Thomas Jameson entered 140 acres along Matrimony Creek on August 24, 1796. The patent was never recorded.

Johnston

Joseph Johnston entered on August 28, 1780, 589 acres and was issued on November 8, 1784 Book 56, page 219 Grant 1038.

Cook

Reubin Cook entered on May 23, 1780, 600 acres and was issued on November 8, 1784 Book 56, page 194 Grant 964.

Odle

William Odle entered 25 acres on February 8, 1791 and was recorded on July 16, 1795 Book 86, page 465 Grant 215. The 1790 census for Rockingham County shows the surname Odle as John, Joseph, Lewis, Uriah and William.

Carter

Nathan Carter entered 100 acres on February 11, 1797 and was issued December 18, 1799 Book 106, page 186 Grant 373. The 1790 census for Rockingham County shows a Thomas Carter listed.

rockingham cabin

Cobler

Christopher Cobler entered 300 acres on November 28, 1778 and was issued on March 1, 1780 Book 33, page 299 Grant 253. Frederick Cobler entered August 16, 1784, 50 acres and was issued on May 16, 1787 Book 65, page 141 Grant 1449.

Powell

John Powell entered 100 acres on March 30, 1779 and was issued on March 1, 1780 Book 33, page 337 Grant 291.

Roberts

Richard Roberts entered on September 6, 1778, 200 acres and was issued on March 1, 1780 Book 33, page 441 Grant 395.

Davison

Richard Davison entered on January 2, 1780, 440 acres and was issued on October 22, 1782 Book 48, page 61 Grant 466.

Roach

John Roach entered on May 17, 1779, 100 acres and was issued on October 22, 1782 Book 48, page 122 Grant 594.

Leak

John Leak owned many acres of land along Matrimony Creek in 1773. He organized Leaksville in 1795 and built his home near the Dan River.

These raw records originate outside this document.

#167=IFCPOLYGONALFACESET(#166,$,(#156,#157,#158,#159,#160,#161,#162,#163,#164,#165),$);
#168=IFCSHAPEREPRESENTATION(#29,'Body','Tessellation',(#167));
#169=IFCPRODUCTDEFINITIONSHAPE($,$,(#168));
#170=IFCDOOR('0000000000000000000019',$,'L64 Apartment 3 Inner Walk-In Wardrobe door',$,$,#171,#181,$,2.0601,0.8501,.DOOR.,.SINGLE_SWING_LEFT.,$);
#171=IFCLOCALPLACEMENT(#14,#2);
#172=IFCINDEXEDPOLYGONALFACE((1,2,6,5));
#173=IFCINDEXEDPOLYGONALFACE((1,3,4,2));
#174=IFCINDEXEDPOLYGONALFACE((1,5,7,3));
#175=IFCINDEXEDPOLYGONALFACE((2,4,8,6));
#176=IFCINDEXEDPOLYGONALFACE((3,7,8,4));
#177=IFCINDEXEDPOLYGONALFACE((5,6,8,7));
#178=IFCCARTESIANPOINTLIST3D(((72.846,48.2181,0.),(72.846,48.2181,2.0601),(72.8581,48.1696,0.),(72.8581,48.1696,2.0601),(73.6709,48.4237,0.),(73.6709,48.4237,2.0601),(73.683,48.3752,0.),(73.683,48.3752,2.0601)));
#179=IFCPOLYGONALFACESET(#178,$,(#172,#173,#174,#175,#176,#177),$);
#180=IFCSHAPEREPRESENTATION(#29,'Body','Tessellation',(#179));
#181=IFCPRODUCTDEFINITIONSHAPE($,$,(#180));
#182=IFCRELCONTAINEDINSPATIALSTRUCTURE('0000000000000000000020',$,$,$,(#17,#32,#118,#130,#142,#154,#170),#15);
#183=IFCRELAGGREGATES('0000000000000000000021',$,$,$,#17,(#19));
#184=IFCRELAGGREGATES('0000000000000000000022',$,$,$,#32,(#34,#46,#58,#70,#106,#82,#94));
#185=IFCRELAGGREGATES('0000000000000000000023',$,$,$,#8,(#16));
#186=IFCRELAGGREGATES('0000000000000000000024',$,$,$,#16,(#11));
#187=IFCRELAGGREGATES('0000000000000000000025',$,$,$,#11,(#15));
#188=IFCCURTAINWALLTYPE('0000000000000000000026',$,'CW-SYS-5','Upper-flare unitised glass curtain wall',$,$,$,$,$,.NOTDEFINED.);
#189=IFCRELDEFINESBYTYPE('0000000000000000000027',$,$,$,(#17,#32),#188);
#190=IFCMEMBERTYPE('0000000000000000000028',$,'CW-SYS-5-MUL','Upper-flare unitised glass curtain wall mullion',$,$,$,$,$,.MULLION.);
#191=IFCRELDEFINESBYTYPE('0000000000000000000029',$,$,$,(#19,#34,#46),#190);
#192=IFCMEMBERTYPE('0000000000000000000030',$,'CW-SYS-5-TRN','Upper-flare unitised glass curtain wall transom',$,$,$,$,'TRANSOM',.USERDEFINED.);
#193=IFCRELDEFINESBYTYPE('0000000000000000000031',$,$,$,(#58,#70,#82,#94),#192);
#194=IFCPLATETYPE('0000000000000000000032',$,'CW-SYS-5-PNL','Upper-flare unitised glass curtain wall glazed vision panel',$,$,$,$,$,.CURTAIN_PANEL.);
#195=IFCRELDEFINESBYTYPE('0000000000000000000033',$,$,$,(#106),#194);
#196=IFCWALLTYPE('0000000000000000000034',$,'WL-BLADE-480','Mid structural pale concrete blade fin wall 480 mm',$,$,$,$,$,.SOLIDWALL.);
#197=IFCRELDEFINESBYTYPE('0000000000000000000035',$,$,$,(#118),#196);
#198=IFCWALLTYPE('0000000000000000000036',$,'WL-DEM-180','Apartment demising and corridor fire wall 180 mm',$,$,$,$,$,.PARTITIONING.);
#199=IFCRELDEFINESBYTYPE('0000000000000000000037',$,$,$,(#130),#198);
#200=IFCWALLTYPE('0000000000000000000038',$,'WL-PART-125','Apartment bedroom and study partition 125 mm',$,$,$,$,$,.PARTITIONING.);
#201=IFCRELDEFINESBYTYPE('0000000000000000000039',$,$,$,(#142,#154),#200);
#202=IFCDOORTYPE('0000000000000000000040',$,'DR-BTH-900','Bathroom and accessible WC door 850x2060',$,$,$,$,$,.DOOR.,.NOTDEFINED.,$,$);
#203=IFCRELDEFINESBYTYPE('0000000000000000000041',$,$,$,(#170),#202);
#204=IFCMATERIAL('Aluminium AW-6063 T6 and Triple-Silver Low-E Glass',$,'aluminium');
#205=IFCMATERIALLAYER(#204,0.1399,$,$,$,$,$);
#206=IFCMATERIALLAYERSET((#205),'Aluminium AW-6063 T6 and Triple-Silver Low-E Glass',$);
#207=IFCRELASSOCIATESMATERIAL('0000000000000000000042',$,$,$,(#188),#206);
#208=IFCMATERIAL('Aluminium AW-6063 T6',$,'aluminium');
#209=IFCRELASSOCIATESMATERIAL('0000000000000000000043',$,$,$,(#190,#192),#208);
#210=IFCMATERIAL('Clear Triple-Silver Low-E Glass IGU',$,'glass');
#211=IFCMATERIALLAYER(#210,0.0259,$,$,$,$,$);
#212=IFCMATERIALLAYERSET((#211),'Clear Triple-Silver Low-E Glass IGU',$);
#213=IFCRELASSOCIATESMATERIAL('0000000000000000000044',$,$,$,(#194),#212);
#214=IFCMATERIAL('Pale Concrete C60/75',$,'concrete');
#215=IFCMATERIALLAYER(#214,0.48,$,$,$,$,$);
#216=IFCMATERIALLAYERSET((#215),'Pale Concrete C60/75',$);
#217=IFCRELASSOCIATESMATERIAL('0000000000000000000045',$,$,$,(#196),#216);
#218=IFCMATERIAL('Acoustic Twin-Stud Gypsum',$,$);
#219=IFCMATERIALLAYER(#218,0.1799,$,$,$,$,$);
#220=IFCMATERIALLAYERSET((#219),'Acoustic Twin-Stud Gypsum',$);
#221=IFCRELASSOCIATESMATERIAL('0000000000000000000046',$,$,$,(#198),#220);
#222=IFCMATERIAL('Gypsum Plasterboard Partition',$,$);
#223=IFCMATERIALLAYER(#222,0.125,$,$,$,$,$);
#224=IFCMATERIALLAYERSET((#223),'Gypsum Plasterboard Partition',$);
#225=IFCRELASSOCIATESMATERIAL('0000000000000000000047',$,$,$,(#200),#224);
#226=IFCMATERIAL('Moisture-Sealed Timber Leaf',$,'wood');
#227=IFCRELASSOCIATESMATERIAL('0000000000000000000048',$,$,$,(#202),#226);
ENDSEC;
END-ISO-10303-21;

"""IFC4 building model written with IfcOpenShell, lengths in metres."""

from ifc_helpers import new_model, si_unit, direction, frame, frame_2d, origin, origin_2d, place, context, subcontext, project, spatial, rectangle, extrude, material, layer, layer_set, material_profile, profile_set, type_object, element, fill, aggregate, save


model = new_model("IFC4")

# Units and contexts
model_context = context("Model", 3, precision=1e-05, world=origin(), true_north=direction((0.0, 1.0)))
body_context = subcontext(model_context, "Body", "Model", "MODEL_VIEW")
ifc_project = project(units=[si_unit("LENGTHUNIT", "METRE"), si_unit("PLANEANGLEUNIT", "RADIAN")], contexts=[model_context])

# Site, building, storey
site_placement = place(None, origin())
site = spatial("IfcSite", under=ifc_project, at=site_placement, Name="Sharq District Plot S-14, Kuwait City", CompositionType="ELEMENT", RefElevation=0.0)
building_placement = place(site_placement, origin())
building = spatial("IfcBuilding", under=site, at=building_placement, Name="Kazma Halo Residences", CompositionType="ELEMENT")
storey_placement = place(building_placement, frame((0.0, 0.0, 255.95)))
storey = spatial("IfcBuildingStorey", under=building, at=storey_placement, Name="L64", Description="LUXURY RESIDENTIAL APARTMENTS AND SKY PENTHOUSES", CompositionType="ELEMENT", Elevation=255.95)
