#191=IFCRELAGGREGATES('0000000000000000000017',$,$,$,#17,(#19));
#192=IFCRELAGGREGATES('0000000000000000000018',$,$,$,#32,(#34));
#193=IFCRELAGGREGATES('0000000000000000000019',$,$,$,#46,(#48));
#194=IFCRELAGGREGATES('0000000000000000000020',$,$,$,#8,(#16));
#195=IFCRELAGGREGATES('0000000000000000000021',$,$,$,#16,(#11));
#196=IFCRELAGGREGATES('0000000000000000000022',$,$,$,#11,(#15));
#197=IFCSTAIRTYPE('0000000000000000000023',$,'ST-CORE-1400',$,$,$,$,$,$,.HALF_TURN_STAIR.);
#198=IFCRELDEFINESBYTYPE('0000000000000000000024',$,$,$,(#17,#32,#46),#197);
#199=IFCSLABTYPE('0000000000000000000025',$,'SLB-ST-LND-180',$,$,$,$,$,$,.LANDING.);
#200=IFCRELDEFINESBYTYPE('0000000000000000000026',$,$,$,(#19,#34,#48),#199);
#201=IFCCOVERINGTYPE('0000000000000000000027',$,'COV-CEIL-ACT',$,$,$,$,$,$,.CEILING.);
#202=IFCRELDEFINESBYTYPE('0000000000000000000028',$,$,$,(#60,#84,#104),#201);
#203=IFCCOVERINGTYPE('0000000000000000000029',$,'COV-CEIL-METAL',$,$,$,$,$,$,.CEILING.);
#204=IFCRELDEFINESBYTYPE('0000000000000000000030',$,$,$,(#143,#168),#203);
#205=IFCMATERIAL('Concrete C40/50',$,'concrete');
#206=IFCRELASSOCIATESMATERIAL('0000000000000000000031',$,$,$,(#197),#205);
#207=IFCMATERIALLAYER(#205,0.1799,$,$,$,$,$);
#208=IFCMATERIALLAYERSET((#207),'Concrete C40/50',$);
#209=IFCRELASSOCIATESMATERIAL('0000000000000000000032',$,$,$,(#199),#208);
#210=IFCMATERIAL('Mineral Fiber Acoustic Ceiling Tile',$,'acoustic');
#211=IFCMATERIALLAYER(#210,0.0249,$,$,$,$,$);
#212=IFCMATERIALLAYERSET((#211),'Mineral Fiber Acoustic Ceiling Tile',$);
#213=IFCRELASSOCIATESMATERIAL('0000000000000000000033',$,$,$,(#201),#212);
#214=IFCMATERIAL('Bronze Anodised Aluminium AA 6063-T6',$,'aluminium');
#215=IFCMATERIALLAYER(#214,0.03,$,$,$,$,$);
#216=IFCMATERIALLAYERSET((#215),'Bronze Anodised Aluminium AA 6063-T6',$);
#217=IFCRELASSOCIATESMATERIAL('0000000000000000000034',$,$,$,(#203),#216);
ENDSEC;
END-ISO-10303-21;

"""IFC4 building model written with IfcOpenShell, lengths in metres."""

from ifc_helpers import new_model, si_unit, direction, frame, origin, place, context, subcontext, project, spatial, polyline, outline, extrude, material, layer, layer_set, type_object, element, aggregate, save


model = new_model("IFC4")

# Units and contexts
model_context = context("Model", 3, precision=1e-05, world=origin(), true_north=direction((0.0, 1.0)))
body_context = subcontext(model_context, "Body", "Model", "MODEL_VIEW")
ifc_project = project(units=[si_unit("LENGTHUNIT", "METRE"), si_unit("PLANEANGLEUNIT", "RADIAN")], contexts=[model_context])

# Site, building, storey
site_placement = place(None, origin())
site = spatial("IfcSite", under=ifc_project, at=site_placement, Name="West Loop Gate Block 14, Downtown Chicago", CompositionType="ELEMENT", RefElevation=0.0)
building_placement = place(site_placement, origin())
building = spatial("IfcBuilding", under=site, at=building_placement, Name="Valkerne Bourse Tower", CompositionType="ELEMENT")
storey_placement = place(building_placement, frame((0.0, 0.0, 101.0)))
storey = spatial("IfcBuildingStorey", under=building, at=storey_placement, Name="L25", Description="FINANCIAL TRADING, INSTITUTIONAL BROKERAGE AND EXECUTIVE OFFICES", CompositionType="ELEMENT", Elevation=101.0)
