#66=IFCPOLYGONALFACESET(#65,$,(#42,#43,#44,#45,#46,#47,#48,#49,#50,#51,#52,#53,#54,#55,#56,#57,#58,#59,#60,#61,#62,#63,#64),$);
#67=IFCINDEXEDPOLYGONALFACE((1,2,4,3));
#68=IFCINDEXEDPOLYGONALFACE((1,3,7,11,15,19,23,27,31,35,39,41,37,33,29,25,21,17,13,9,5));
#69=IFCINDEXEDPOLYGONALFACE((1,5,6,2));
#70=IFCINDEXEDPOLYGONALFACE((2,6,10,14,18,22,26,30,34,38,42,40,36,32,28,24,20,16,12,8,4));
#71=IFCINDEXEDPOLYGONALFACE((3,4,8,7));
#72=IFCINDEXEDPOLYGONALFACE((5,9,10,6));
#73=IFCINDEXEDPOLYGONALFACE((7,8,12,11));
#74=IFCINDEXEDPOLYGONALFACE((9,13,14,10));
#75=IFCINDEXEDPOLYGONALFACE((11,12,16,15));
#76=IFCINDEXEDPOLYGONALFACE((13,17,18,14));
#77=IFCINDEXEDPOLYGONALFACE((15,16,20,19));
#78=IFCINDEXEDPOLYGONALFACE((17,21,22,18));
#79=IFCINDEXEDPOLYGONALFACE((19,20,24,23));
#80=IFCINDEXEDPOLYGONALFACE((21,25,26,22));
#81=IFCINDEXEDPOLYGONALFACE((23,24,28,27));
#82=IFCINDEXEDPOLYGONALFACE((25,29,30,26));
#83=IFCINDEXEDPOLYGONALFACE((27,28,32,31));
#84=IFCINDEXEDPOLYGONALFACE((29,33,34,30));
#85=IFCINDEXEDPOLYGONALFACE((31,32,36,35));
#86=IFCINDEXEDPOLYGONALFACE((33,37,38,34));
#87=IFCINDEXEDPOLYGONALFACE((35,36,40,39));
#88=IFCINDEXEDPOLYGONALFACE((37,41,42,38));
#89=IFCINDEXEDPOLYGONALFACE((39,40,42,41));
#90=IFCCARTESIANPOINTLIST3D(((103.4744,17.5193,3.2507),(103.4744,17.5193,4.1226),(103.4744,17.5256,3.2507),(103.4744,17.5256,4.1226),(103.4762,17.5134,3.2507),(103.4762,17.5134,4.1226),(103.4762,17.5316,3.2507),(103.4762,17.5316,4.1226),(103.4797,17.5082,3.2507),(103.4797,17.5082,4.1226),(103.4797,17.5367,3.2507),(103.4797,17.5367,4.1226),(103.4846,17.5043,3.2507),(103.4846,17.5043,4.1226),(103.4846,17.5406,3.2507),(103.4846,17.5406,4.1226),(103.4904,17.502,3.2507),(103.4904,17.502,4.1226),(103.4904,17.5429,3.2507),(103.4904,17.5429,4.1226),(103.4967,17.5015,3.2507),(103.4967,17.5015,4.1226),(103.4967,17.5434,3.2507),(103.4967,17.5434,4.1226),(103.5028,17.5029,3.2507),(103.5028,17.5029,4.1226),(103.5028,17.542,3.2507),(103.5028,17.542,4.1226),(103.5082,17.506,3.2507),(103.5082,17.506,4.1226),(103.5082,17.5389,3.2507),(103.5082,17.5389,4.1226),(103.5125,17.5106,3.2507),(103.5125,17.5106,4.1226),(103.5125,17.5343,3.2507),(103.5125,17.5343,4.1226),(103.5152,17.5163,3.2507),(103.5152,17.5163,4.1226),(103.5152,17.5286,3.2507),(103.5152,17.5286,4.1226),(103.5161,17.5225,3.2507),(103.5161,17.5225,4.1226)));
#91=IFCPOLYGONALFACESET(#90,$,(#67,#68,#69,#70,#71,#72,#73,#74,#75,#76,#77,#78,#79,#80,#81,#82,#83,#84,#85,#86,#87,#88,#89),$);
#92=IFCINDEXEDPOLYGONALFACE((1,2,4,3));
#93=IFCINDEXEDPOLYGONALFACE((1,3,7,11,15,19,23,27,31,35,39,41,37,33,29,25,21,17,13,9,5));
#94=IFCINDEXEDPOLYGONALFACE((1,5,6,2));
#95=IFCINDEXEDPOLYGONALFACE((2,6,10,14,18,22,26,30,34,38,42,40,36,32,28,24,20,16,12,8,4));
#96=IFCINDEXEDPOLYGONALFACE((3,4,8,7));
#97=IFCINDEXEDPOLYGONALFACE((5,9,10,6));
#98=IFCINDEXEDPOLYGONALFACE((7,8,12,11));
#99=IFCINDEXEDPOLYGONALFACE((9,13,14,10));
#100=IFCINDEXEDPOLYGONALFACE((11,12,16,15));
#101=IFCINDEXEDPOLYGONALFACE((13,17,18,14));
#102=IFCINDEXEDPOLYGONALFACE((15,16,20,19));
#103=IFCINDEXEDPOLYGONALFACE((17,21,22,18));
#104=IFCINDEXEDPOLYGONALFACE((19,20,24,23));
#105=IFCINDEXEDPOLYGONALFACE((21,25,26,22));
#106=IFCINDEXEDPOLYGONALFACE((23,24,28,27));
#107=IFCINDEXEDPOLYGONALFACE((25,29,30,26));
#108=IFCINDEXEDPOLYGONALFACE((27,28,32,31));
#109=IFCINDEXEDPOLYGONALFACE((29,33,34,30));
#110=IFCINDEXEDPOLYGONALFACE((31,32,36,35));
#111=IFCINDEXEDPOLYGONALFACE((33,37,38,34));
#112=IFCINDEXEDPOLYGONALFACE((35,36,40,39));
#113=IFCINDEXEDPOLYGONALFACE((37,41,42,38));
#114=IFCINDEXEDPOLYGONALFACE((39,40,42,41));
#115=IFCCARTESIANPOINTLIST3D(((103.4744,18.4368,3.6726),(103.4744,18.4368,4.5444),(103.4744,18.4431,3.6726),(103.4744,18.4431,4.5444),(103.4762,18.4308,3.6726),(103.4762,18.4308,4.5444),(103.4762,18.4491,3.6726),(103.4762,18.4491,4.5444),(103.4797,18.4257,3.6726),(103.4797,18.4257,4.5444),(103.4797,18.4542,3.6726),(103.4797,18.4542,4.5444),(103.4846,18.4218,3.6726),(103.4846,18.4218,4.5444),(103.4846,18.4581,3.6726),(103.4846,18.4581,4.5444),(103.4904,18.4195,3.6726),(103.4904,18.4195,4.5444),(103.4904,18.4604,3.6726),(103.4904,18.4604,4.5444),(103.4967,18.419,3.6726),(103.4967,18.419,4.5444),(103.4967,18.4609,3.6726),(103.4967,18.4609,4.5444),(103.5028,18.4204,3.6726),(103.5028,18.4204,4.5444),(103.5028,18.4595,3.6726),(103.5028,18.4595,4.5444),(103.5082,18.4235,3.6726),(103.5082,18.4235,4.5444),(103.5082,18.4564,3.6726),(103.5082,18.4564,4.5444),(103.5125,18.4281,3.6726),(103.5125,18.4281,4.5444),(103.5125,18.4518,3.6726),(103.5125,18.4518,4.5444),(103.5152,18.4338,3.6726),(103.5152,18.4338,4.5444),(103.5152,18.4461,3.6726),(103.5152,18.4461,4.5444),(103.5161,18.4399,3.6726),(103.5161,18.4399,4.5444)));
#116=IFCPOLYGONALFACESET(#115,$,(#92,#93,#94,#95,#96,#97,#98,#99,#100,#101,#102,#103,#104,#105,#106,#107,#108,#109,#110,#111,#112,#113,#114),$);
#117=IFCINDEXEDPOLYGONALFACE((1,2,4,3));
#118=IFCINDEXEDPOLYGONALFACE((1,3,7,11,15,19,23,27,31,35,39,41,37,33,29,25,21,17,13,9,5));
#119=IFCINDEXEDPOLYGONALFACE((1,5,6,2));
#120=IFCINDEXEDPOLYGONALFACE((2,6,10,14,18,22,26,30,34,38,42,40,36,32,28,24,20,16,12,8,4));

By 1800, John Leak no longer owned his vast amount of land in the area.

Price

Reece Price settled near Matrimony Creek. He built his home in the area and married twice. To learn the detailed history of the Price family, click the link here.

Grogan

Henry Grogan was issued 200 acres on March 1, 1780 Book 33, page 235 Grant 239.

Matrimony Creek was used as a guideline from Virginia into North Carolina. A trail separated from the The Great Wagon Road and wandered narrowly near Beaver Creek where once was a fort during the mid 18th century. The fort was to offer security from Indians who were still living in the wilderness at the time. During the Revolutionary War, the creek was used once again along with the old trail to direct the troops of  Col. Abraham Penn on March 11, 1781.

1795 rockingham

Rockingham County’s history is filled with details that pertain to our ancestors lives. The way they lived, laughed, celebrated, cried and mourned. Matrimony Creek winds through the county, the lands of our relatives, just as it did many years ago until it joins the Dan River. Thank You for visiting our posting about the waters of Matrimony Creek and it’s early settlers. Wishing you all well with your journey.